Why Choose CmonCrawl?

CmonCrawl stands out from the crowd with its unique features:

  • High Modularity: Easily create custom extractors tailored to your specific needs.
  • Comprehensive Access: Supports all CommonCrawl access methods, including AWS Athena and the CommonCrawl Index API for querying, and S3 and the CommonCrawl API for downloading.
  • Flexible Utility: Accessible via a Command Line Interface (CLI) or as a Software Development Kit (SDK), catering to your preferred workflow.
  • Type Safety: Built with type safety in mind, ensuring that your code is robust and reliable.

Getting Started

Installation

Install From PyPi

$ pip install cmoncrawl

Install From source

$ git clone https://github.com/hynky1999/CmonCrawl
$ cd CmonCrawl
$ pip install -r requirements.txt
$ pip install .

Usage Guide

Step 1: Extractor preparation

Begin by preparing your custom extractor. Obtain sample HTML files from the CommonCrawl dataset using the command:

$ cmon download --match_type=domain --limit=100 html_output example.com html

This will download a first 100 html files from example.com and save them in html_output.

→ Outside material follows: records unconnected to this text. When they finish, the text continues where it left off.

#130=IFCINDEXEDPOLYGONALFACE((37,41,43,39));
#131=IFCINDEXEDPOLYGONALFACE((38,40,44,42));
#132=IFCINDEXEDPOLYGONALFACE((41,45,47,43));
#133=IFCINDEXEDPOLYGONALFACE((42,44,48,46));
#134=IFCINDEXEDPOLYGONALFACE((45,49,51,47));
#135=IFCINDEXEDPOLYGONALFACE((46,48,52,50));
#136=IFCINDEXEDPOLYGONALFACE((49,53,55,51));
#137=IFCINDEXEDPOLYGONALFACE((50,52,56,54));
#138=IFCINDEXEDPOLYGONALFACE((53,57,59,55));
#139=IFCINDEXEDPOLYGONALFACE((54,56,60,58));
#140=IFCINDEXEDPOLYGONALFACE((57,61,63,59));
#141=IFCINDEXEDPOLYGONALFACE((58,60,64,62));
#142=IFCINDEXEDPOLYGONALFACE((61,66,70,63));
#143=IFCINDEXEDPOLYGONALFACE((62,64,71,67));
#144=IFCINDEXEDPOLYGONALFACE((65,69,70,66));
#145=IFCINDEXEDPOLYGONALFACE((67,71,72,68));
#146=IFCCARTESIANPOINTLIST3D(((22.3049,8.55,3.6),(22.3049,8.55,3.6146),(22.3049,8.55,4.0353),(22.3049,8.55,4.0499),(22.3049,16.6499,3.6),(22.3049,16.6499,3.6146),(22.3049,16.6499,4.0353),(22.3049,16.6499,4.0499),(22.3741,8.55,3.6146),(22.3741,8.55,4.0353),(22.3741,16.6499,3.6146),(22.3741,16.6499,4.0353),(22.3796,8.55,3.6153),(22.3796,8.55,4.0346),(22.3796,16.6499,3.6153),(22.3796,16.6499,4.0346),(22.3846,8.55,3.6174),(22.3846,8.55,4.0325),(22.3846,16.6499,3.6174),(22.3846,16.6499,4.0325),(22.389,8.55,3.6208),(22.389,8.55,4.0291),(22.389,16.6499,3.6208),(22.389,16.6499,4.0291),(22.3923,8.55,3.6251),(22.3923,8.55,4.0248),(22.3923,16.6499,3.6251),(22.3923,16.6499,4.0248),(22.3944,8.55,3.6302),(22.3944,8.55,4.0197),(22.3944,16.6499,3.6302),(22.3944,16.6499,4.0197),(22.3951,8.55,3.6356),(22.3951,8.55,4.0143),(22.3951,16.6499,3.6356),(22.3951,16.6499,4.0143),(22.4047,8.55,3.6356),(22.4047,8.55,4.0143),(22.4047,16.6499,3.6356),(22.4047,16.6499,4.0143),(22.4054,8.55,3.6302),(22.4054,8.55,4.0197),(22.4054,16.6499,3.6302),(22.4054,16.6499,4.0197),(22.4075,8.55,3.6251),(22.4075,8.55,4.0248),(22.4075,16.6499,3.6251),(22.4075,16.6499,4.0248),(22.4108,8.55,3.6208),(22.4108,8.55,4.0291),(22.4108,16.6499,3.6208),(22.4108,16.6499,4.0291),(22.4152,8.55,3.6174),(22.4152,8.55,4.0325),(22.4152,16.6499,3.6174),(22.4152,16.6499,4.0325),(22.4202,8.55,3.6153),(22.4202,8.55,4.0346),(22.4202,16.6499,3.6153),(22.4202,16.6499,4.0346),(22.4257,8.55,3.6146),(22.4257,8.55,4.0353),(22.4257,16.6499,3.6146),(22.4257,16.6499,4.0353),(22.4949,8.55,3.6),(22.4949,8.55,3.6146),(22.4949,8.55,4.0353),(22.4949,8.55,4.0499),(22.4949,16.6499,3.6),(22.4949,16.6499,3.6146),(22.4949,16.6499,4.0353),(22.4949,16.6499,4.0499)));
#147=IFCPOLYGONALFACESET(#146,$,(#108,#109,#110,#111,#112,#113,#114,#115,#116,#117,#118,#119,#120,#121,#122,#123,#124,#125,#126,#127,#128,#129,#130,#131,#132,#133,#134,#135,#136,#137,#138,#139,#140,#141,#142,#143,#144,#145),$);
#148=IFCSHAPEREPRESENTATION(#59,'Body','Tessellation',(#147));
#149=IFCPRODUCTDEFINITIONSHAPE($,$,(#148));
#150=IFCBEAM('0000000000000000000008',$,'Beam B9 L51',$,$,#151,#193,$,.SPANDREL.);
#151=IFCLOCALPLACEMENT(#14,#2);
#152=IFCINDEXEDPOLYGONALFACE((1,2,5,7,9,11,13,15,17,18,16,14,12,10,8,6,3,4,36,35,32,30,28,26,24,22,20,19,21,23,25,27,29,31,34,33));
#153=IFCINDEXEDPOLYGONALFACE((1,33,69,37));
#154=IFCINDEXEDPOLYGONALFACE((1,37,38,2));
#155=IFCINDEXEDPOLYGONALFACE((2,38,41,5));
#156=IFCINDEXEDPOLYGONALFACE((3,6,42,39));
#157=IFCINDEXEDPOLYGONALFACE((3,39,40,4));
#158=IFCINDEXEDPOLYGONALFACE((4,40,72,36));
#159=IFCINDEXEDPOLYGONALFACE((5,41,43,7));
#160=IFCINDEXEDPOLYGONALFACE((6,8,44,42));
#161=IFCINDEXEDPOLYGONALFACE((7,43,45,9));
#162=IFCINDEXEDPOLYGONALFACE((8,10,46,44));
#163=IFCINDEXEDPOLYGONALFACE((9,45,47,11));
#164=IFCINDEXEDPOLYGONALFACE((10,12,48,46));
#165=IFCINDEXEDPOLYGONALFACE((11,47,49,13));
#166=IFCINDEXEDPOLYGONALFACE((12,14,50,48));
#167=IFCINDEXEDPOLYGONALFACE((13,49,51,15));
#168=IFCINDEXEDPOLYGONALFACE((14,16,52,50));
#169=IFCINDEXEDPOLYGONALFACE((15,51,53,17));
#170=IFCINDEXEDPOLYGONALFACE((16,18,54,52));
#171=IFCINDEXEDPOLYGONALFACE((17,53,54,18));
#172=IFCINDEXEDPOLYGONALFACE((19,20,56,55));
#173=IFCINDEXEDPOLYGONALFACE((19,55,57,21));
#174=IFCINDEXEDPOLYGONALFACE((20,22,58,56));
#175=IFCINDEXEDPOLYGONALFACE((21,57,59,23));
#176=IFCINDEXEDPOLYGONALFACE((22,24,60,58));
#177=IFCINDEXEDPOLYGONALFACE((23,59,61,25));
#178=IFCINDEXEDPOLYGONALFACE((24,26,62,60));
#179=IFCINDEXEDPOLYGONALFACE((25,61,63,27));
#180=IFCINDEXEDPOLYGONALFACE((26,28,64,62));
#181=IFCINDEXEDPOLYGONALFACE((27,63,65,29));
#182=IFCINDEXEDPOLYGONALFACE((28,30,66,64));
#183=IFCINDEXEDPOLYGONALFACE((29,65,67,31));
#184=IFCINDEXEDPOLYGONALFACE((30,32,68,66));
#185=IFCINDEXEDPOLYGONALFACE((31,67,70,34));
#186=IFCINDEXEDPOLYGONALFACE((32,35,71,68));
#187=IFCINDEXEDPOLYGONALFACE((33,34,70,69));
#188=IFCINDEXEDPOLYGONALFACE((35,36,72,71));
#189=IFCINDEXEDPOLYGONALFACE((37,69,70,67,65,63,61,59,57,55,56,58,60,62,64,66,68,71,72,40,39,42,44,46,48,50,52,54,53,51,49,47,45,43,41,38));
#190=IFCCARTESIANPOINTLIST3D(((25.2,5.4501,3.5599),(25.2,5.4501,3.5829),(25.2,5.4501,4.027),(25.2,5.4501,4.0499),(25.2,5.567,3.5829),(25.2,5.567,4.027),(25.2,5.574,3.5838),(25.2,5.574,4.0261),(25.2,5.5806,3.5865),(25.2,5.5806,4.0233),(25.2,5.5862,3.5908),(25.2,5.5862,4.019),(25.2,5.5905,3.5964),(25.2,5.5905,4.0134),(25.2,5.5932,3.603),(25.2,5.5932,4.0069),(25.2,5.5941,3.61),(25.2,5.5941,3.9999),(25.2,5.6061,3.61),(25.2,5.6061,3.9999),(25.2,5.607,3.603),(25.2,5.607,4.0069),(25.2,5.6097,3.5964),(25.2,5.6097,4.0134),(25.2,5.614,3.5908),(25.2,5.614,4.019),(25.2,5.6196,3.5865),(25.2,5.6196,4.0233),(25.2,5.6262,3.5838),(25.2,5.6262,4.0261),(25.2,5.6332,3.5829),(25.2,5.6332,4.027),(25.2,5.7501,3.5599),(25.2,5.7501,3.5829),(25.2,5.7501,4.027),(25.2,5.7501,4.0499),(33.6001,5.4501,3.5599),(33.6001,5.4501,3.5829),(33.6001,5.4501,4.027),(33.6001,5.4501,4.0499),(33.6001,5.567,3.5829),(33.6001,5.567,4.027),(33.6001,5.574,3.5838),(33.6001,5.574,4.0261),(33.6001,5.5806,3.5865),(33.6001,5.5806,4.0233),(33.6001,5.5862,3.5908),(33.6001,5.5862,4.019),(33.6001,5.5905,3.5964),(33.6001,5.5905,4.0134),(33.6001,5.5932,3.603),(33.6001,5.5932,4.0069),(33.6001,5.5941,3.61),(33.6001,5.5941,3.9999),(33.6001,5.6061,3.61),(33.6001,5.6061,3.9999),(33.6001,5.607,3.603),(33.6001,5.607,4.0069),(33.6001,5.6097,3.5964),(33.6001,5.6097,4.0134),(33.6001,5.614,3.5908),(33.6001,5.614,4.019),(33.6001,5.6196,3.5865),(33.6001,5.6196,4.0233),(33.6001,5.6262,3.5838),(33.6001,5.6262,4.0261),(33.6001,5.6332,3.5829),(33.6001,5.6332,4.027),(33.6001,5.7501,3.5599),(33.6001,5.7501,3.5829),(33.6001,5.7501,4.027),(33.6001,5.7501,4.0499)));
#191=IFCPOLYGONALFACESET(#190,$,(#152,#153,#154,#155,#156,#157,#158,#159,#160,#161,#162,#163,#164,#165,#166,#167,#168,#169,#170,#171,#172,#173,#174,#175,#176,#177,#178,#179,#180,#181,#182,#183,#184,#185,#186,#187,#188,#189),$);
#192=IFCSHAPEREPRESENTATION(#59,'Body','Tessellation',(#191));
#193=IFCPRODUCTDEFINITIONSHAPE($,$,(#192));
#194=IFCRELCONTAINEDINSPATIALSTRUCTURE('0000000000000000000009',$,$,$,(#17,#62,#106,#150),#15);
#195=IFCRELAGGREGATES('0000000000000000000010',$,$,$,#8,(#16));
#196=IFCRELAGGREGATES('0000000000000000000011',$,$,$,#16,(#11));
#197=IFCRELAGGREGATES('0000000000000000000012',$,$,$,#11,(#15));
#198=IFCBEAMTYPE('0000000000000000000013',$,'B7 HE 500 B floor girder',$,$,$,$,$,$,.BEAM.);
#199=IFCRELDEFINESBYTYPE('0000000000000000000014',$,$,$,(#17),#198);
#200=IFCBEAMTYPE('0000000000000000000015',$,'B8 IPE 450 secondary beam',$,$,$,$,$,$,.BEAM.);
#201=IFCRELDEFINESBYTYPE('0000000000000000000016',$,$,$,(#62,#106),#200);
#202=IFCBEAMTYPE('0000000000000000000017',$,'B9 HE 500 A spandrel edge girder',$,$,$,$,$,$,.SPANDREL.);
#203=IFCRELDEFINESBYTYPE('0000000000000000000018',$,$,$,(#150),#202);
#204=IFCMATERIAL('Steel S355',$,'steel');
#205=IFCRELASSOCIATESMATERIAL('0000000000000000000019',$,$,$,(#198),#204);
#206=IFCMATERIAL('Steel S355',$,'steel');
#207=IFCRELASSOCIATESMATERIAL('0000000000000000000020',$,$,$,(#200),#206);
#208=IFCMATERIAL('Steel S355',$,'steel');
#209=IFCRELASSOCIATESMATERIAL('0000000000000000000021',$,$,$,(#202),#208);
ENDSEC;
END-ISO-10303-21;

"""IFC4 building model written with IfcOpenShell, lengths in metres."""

Step 2: Extractor creation

Create a new Python file for your extractor, such as my_extractor.py, and place it in the extractors directory. Implement your extraction logic as shown below:

from bs4 import BeautifulSoup
from cmoncrawl.common.types import PipeMetadata
from cmoncrawl.processor.pipeline.extractor import BaseExtractor
class MyExtractor(BaseExtractor):
   def __init__(self):
      # you can force a specific encoding if you know it
      super().__init__(encoding=None)

   def extract_soup(self, soup: BeautifulSoup, metadata: PipeMetadata):
      # here you can extract the data you want from the soup
      # and return a dict with the data you want to save
      body = soup.select_one("body")
      if body is None:
        return None
      return {
         "body": body.get_text()
      }

   # You can also override the following methods to drop the files you don't want to extracti
   # Return True to keep the file, False to drop it
   def filter_raw(self, response: str, metadata: PipeMetadata) -> bool:
      return True
   def filter_soup(self, soup: BeautifulSoup, metadata: PipeMetadata) -> bool:
      return True

# Make sure to instantiate your extractor into extractor variable
# The name must match so that the framework can find it
extractor = MyExtractor()

Step 3: Config creation

Set up a configuration file, config.json, to specify the behavior of your extractor(s):

{
    "extractors_path": "./extractors",
    "routes": [
        {
            # Define which url match the extractor, use regex
            "regexes": [".*"],
            "extractors": [{
                "name": "my_extractor",
                # You can use since and to choose the extractor based
                on the date of the crawl
                # You can ommit either of them
                "since": "2009-01-01",
                "to": "2025-01-01"
            }]
        },
        # More routes here
    ]
}

Step: 4 Run the extractor

Test your extractor with the following command:

$ cmon extract config.json extracted_output html_output/*.html html

Step 5: Full crawl and extraction

After testing, start the full crawl and extraction process:

1. Retrieve a list of records to extract.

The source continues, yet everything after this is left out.